Le dirigeant au sein du mouvement, Mondher Ounissi a indiqué qu'Ennahdha n'arrivait pas à comprendre les causes poussant le pouvoir en place à la maltraitance de Rached Ghannouchi alors qu'il s'est toujours montré coopératif et qu'il n'avait jamais refusé de comparaître devant la justice. «Ennahdha dénonce ce développement extrêmement grave et appelle à la libération immédiate de Rached Ghannouchi», a ajouté le mouvement.
Pour sa part, l'ancien Président provisoire de la République Moncef Marzouki est allé jusqu'à évoquer une menace contre la paix sociale si son arrestation persiste. «Libérez-le, si vous voulez du bien pour vous-même», a-t-il dit.
Descente au siège d'Ennahdha
Riadh Chaibi, conseiller de Rached Ghannouchi, a annoncé, pour sa part, qu'une descente a été effectuée au siège central du mouvement Ennahdha à Montplaisir.
Riadh Chaibi affirme qu'on leur a demandé d'évacuer les locaux sans autorisation judiciaire. Sauf que, selon le ministère de l'Intérieur, son arrestation intervient dans le cadre de la loi et suite à une autorisation délivrée par le Parquet.
Au fait, ces derniers rebondissements de taille qui secouent le mouvement Ennahdha reposent la question de l'islam politique en Tunisie. Quand on voit l'un des plus grands leaders mondiaux de l'islam politique finir dans une telle situation marquée surtout par des poursuites judiciaires interminables, on s'aperçoit que cette idéologie est en crise.
L'islam politique renvoie surtout à l'utilisation de la religion islamique dans le domaine politique et social. Cela peut inclure l'utilisation de principes islamiques pour établir des lois et des politiques, ou la promotion de la charia comme système juridique.
Il peut prendre différentes formes, allant du conservatisme religieux à l'extrémisme violent. Certains groupes politiques islamiques ont été élus démocratiquement dans des pays comme la Tunisie, tandis que d'autres ont recours à la violence pour atteindre leurs objectifs politiques, comme l'État islamique et Al-Qaïda.
En effet, même si, en général, la Tunisie est considérée comme un exemple de transition démocratique réussie dans le monde arabe, avec des élections libres et équitables, une presse libre et une société civile active avec la forte présence de l'islam politique, les leaders de ce courant ont été toujours accusés d'oeuvrer pour la radicalisation de la société malgré les réformes identitaires annoncées par le parti Ennahdha.
Mais quel sera le sort du mouvement islamiste au vu de ces derniers rebondissements ?
Pour les observateurs de la scène politique tunisienne, le parti connaît l'une des phases les plus sombres de son histoire.
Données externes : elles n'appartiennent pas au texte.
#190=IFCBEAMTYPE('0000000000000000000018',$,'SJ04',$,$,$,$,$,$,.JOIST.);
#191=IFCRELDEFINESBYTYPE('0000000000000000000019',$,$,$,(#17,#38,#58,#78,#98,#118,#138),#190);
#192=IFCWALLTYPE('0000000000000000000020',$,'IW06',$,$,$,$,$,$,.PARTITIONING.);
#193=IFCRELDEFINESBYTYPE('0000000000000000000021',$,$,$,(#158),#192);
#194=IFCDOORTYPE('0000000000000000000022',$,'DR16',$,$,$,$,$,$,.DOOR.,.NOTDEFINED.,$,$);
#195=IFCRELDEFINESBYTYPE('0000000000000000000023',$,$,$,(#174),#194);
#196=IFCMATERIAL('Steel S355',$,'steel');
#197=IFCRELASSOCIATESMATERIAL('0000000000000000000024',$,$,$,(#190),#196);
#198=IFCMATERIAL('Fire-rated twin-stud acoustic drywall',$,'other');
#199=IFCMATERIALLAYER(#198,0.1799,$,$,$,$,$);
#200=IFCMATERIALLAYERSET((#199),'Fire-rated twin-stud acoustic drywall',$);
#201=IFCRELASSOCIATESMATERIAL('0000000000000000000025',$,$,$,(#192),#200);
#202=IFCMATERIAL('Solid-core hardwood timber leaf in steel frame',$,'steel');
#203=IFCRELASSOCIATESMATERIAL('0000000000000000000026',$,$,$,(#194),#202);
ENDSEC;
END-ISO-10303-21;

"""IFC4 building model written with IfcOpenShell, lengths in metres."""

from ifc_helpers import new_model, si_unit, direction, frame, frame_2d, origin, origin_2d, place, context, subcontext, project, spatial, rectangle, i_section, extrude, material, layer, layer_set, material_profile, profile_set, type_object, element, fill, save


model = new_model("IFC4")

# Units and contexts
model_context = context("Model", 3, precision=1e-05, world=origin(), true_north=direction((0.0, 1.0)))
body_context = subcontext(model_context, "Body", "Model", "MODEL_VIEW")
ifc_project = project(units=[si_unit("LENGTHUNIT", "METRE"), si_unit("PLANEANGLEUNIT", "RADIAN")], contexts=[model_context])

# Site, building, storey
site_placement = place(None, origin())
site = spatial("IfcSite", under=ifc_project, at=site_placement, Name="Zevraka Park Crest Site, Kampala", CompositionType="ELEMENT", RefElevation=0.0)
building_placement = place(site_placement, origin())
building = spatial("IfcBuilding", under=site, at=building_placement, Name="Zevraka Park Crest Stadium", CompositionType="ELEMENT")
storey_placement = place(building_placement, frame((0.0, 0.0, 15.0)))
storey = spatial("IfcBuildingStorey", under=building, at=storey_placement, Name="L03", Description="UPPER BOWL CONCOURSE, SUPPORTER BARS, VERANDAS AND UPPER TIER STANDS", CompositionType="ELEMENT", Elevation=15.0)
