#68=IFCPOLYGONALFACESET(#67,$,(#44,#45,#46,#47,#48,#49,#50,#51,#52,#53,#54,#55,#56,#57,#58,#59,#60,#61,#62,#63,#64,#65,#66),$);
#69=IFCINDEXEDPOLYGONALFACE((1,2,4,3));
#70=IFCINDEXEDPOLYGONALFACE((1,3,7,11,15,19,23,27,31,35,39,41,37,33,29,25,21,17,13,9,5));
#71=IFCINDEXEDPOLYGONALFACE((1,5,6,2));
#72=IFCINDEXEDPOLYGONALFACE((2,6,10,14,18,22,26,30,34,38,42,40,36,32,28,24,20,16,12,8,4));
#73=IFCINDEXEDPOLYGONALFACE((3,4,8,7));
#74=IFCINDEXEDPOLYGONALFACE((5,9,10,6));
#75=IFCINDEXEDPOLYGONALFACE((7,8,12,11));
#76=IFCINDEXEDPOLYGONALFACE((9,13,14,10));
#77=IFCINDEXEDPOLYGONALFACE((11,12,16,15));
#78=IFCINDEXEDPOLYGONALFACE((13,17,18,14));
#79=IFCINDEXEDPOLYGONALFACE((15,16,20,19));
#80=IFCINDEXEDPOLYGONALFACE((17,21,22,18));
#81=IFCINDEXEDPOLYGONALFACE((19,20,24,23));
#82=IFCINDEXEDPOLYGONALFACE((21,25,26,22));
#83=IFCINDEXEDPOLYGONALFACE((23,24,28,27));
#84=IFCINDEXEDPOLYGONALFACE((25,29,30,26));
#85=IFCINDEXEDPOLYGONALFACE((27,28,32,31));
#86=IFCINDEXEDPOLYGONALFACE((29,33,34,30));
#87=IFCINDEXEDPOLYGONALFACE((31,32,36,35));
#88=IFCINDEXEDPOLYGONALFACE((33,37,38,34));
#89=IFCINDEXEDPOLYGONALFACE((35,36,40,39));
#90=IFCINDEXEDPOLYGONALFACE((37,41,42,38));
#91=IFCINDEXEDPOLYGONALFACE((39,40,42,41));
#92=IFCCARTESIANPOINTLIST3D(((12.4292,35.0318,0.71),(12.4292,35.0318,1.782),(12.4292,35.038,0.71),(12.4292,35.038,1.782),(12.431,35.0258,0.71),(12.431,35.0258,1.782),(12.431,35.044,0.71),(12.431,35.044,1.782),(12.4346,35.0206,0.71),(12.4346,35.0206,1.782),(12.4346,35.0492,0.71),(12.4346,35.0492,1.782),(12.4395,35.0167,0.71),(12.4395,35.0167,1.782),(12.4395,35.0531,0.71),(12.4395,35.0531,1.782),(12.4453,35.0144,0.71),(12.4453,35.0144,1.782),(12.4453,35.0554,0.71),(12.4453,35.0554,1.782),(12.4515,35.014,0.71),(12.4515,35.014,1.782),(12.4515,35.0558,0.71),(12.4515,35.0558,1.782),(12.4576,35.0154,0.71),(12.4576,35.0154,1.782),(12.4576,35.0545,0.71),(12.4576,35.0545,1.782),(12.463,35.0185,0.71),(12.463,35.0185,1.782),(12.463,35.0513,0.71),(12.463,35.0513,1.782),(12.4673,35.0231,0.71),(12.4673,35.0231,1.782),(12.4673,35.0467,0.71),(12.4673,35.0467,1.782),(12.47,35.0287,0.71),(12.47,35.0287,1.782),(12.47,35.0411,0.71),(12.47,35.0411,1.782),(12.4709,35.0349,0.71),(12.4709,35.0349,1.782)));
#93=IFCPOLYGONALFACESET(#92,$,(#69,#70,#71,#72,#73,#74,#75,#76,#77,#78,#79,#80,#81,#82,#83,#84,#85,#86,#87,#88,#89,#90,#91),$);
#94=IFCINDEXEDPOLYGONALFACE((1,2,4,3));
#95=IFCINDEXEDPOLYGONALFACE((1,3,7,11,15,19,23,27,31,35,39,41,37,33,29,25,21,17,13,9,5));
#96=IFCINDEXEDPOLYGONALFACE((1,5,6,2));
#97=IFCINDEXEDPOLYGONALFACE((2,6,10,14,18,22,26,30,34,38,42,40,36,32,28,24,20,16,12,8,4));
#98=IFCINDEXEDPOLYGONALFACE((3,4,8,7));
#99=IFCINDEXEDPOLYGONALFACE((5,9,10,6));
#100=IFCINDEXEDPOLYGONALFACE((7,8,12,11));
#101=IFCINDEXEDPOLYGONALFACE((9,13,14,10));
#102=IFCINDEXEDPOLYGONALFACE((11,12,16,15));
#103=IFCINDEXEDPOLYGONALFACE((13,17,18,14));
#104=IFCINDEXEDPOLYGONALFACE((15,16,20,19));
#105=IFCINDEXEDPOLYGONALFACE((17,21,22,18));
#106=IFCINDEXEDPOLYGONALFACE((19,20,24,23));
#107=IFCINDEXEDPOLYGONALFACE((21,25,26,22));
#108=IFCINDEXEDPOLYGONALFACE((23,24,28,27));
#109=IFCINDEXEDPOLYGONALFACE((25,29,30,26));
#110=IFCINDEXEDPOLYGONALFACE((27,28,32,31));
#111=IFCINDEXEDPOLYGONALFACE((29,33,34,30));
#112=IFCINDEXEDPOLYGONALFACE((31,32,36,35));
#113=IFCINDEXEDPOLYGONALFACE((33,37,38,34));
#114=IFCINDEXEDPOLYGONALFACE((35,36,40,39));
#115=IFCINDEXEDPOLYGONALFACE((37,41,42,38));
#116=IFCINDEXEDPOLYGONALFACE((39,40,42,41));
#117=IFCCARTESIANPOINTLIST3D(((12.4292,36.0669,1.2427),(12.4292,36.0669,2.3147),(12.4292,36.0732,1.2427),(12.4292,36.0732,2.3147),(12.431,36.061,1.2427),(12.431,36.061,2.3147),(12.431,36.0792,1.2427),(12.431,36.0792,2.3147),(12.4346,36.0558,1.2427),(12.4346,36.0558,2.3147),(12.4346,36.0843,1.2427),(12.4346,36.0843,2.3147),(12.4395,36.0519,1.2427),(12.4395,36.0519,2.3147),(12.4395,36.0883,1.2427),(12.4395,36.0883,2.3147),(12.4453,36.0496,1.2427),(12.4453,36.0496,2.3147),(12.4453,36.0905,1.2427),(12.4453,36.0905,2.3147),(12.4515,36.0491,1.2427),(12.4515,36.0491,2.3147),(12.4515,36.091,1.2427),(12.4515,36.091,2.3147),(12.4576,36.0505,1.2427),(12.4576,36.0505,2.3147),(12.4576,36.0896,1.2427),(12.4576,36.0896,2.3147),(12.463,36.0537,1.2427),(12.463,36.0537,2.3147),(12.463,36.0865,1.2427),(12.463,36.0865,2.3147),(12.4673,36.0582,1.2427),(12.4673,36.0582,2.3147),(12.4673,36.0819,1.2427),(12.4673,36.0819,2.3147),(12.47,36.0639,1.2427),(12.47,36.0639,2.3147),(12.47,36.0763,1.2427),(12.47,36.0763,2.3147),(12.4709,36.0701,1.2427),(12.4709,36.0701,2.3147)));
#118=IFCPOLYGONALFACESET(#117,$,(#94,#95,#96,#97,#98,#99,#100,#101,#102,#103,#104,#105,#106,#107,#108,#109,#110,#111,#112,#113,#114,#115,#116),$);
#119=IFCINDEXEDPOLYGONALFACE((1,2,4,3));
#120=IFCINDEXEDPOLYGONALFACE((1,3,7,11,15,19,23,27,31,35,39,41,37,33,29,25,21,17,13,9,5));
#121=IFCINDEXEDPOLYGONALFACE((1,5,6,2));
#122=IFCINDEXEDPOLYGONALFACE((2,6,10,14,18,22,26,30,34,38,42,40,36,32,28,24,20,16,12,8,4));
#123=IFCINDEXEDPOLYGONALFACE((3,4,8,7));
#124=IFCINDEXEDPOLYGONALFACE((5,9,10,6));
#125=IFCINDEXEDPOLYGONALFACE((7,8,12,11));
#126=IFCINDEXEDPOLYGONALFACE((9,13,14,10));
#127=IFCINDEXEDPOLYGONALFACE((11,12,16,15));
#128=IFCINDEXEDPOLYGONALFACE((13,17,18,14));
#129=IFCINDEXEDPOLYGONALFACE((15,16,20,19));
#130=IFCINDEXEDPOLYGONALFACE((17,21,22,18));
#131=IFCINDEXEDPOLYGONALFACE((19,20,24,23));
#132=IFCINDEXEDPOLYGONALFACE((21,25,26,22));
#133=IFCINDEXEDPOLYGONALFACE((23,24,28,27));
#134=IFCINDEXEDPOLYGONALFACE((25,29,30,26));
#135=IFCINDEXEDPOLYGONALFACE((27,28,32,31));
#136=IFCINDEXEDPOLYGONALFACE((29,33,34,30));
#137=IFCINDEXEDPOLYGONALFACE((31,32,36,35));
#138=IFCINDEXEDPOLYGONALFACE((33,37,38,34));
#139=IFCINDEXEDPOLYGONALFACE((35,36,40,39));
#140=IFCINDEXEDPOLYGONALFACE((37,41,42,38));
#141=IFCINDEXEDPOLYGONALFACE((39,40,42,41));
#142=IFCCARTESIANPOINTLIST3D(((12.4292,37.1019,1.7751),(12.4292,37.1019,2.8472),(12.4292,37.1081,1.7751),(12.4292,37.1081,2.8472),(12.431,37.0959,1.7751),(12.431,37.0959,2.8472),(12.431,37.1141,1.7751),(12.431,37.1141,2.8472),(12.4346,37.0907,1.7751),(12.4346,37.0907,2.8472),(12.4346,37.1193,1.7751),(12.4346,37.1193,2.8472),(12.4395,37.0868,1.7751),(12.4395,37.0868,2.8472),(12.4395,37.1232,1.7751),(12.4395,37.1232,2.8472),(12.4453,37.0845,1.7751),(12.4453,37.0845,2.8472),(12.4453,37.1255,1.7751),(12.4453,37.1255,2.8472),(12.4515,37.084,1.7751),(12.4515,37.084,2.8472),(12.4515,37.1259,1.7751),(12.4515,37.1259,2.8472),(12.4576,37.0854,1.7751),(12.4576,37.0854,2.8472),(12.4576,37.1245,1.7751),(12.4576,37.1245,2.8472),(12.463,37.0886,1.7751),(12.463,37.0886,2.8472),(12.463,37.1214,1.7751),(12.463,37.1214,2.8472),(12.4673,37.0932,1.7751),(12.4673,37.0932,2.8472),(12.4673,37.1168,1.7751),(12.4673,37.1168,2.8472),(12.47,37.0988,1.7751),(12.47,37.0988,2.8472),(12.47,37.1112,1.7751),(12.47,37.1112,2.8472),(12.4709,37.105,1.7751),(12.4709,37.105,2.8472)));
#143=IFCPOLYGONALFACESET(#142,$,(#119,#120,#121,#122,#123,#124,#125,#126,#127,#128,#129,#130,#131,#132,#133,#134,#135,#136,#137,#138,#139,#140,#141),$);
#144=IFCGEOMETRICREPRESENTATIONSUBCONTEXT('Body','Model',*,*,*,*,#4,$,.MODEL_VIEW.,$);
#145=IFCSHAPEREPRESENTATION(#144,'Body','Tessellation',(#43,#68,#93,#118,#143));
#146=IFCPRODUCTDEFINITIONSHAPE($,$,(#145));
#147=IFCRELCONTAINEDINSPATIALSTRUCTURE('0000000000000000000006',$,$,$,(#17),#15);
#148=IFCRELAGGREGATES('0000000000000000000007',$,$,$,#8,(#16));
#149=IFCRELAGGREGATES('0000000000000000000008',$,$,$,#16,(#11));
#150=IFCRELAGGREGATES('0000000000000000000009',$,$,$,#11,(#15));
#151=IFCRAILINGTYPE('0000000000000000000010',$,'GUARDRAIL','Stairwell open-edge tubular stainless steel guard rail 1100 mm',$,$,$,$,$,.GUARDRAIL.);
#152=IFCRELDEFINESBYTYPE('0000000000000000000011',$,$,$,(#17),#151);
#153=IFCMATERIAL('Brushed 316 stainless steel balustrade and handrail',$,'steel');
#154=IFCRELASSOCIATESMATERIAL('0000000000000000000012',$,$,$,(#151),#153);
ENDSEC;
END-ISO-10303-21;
Arrestations, divisions internes, pressions, accusations, tout va à l'encore de sa stabilité. D'ores et déjà, avant les décisions du 25 juillet, le parti avait connu une période de grande division et le renouvellement du mandat de Ghannouchi à la tête du parti était contesté. Mais pour d'autres, le parti a toujours su dépasser ces périodes de turbulence et pourrait se repositionner au-devant de la scène politique, mais il semble que cette fois-ci la situation est tout autre et le parti risque en effet gros.
Il est connu pour tous que Rached Ghannouchi parvenait continuellement à préserver un certain équilibre au sein de son parti. Sa disparition, même provisoire, de la scène politique ne sera certainement pas sans conséquences sur son parti et sur l'avenir de l'islam politique en Tunisie et dans la région.
Autant dire que sur le plan international, malgré sa crise d'envergure, l'islam politique pourrait continuer à jouer un rôle important dans la politique des pays à majorité musulmane. Cependant, d'autres prédisent que l'islam politique pourrait perdre son influence à mesure que les sociétés se modernisent et que les citoyens réclament des droits et des libertés individuels.